Düşlerini olması gerektiği gibi kullanıp  An’da kalmadığın sürece hiçbir şey  seni gerçekten tatmin edemeyecek..

Hiç kimse sana ihtiyacın olan gücü vermeyecek Sen kendi gücüne sahip çıkmadıkça.

Hiç kimse seni dilediğin kadar çok sevmeyecek sen kendi kendini sınırların ötesinde sevmedikçe.

Hiç kimse sana beklediğim sadakati göstermeyecek sen güveni kendi içinde köklendirmedikçe.

Hiçbir zaman tam anlamıyla huzurlu olamayacaksın huzurunu dış koşullara bağlı tuttukça.
Hayatta seni üzen, seni zayıf kılan her şeyi gözden geçirmek için harika bir zaman.

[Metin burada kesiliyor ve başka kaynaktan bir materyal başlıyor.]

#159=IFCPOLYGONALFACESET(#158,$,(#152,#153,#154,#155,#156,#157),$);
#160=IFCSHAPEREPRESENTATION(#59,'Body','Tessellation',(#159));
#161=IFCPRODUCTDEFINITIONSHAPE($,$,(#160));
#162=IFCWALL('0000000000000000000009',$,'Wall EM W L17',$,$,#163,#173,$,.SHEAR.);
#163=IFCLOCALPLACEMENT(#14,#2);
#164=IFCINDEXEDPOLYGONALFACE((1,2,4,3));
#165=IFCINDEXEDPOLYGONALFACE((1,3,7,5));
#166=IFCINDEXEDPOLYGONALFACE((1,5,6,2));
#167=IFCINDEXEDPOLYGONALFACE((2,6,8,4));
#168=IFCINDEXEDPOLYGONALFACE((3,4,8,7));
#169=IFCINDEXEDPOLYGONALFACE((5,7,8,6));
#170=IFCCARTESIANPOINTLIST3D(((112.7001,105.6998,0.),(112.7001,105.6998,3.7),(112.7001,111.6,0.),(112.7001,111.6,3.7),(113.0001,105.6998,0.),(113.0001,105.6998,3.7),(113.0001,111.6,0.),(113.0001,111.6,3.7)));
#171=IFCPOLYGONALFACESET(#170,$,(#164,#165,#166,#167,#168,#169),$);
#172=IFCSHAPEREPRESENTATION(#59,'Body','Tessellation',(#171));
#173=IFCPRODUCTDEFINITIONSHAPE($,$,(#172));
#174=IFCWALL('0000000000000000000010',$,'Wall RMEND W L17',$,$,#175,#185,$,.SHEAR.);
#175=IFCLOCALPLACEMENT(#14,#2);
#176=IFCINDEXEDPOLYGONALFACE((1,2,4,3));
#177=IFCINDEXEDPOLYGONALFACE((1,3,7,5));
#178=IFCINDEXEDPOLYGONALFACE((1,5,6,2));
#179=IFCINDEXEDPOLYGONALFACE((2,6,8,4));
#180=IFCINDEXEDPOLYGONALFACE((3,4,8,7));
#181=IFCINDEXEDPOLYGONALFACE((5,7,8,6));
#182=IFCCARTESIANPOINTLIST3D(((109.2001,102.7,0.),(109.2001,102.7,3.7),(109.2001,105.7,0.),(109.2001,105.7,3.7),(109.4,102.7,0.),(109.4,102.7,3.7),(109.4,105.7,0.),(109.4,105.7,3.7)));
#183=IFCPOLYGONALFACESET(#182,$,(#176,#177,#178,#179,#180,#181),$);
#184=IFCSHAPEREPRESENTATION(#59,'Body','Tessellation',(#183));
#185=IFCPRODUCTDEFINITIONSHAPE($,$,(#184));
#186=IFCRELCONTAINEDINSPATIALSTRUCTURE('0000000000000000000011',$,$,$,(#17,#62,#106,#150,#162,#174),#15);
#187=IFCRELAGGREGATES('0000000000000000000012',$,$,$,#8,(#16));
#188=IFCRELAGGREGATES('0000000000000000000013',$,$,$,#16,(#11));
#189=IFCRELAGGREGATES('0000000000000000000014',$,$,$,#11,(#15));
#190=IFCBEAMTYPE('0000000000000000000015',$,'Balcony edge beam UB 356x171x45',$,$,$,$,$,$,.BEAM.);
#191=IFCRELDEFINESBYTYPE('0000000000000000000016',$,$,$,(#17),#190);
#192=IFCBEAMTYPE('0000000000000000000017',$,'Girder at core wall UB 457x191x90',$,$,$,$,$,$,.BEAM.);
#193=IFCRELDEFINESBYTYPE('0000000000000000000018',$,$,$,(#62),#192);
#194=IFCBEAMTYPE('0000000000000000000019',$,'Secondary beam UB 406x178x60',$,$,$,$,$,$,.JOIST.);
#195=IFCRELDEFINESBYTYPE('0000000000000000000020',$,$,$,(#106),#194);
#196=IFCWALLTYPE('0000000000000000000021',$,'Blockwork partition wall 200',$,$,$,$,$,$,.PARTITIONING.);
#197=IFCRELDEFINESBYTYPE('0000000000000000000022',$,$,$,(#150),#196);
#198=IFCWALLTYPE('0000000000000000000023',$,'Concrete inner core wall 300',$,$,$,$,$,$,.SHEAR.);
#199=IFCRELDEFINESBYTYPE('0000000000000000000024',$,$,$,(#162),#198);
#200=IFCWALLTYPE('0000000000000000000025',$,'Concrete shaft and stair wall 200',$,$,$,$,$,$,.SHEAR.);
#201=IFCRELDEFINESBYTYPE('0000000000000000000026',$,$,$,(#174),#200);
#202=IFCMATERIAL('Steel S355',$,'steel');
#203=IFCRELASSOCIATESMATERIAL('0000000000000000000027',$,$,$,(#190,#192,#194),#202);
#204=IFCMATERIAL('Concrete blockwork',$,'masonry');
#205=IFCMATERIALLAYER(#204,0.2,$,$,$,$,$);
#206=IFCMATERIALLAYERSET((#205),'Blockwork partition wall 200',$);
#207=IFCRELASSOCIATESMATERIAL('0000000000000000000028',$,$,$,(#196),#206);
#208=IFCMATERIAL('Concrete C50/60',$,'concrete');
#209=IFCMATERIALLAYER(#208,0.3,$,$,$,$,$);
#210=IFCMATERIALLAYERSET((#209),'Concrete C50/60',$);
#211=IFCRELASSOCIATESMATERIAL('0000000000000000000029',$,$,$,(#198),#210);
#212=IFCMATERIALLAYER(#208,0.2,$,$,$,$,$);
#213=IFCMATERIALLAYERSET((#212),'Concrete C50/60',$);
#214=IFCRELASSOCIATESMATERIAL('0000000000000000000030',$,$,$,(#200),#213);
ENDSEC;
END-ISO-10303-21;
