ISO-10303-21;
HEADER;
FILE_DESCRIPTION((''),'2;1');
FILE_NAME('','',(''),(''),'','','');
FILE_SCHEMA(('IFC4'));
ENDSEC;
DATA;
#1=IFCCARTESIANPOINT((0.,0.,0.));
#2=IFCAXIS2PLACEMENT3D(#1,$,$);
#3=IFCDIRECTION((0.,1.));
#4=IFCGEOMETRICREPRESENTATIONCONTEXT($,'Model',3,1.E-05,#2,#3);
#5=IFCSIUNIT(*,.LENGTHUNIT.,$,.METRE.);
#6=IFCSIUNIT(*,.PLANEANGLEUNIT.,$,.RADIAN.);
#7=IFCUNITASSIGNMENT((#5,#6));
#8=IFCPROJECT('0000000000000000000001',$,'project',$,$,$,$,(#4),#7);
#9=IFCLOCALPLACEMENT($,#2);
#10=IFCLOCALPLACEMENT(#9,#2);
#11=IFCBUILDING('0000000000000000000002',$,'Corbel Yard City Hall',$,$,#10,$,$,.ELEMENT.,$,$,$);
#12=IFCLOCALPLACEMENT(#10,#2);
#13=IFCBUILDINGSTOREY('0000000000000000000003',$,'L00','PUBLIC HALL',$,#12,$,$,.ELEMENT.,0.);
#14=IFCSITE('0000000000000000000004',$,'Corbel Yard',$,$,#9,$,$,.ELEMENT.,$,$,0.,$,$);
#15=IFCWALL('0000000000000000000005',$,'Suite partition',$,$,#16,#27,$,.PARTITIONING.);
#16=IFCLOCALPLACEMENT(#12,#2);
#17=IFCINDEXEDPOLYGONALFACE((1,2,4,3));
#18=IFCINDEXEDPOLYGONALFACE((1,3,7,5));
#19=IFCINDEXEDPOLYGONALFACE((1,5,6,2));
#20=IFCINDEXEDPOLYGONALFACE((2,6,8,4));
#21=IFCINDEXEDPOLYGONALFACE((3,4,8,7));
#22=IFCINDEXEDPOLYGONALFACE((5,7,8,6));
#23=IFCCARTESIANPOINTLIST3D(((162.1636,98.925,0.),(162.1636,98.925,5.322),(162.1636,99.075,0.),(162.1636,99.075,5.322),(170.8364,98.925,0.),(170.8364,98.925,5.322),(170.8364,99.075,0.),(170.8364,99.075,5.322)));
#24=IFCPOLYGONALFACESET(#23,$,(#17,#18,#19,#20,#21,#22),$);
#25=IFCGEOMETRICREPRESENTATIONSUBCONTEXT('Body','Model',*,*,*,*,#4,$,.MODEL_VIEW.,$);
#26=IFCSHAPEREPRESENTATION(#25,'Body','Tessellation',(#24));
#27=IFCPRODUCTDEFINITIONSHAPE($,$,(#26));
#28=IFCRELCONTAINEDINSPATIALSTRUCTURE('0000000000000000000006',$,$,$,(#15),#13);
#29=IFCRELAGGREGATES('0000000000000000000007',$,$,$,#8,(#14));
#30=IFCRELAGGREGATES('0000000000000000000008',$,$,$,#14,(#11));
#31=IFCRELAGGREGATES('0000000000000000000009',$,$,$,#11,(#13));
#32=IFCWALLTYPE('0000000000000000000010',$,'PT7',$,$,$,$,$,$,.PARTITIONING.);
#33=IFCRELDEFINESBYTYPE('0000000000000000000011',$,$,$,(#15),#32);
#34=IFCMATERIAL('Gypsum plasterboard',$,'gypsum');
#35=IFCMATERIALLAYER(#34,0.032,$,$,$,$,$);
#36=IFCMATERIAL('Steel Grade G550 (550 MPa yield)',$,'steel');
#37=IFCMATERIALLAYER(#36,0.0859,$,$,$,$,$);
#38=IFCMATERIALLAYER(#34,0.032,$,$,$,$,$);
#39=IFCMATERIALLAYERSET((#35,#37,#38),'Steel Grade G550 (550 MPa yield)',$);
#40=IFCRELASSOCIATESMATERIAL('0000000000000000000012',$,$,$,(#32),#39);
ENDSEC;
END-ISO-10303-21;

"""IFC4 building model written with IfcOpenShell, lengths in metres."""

from ifc_helpers import new_model, si_unit, direction, frame, frame_2d, origin, place, context, subcontext, project, spatial, rectangle, extrude, material, layer, layer_set, type_object, element, save


model = new_model("IFC4")

# Units and contexts
model_context = context("Model", 3, precision=1e-05, world=origin(), true_north=direction((0.0, 1.0)))
body_context = subcontext(model_context, "Body", "Model", "MODEL_VIEW")
ifc_project = project(units=[si_unit("LENGTHUNIT", "METRE"), si_unit("PLANEANGLEUNIT", "RADIAN")], contexts=[model_context])

# Site, building, storey
site_placement = place(None, origin())
site = spatial("IfcSite", under=ifc_project, at=site_placement, Name="Corbel Yard", CompositionType="ELEMENT", RefElevation=0.0)
building_placement = place(site_placement, origin())
building = spatial("IfcBuilding", under=site, at=building_placement, Name="Corbel Yard City Hall", CompositionType="ELEMENT")
storey_placement = place(building_placement, origin())
storey = spatial("IfcBuildingStorey", under=building, at=storey_placement, Name="L00", Description="PUBLIC HALL", CompositionType="ELEMENT", Elevation=0.0)

# Wall
ifc_material_1 = material(Name="Gypsum plasterboard", Category="gypsum")
ifc_layer_1 = layer(ifc_material_1, 0.032)
ifc_material_2 = material(Name="Steel Grade G550 (550 MPa yield)", Category="steel")
ifc_layer_2 = layer(ifc_material_2, 0.0859)
ifc_layer_3 = layer(ifc_material_1, 0.032)
ifc_layer_set_1 = layer_set([ifc_layer_1, ifc_layer_2, ifc_layer_3], Name="Steel Grade G550 (550 MPa yield)")
wall_type_1 = type_object("IfcWallType", Name="PT7", PredefinedType="PARTITIONING", material=ifc_layer_set_1)
wall_1_placement = place(storey_placement, frame((162.1636, 99.0, 0.0), z_axis=(0.0, 0.0, 1.0), x_axis=(1.0, 0.0, 0.0)))
element("IfcWall", 1, at=wall_1_placement, inside=storey, type_object=wall_type_1, Name="Suite partition", PredefinedType="PARTITIONING", context=body_context, shape_type="SweptSolid", body=[
    extrude(rectangle(XDim=8.6729, YDim=0.1499, at=frame_2d((4.3364, 0.0))), origin(), (0.0, 0.0, 1.0), 5.322),
])

save(model, "model.ifc")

Kendi ölümsüzlüğünü gerçek kılmak için harika bir zaman. 

Kendini görmezden gelmeyi bırakıp tüm zayıflıklarının , seni yıkan her şeyin suçunu dışarıya atıp kendini daha fazla aciz bırakamayacağın bir zaman.

Eğer kendine yeteri kadar dikkat edersen artık hiçbir kelime seni kıramayacak, üzemeyecek , sinirlerini bozamayacak. Hiçbir insan seni yaralayamayacak ve hiçbir düşmanın kalmayacak. Hepsinin  kendi içinde olduğunu görmek için harika bir zaman..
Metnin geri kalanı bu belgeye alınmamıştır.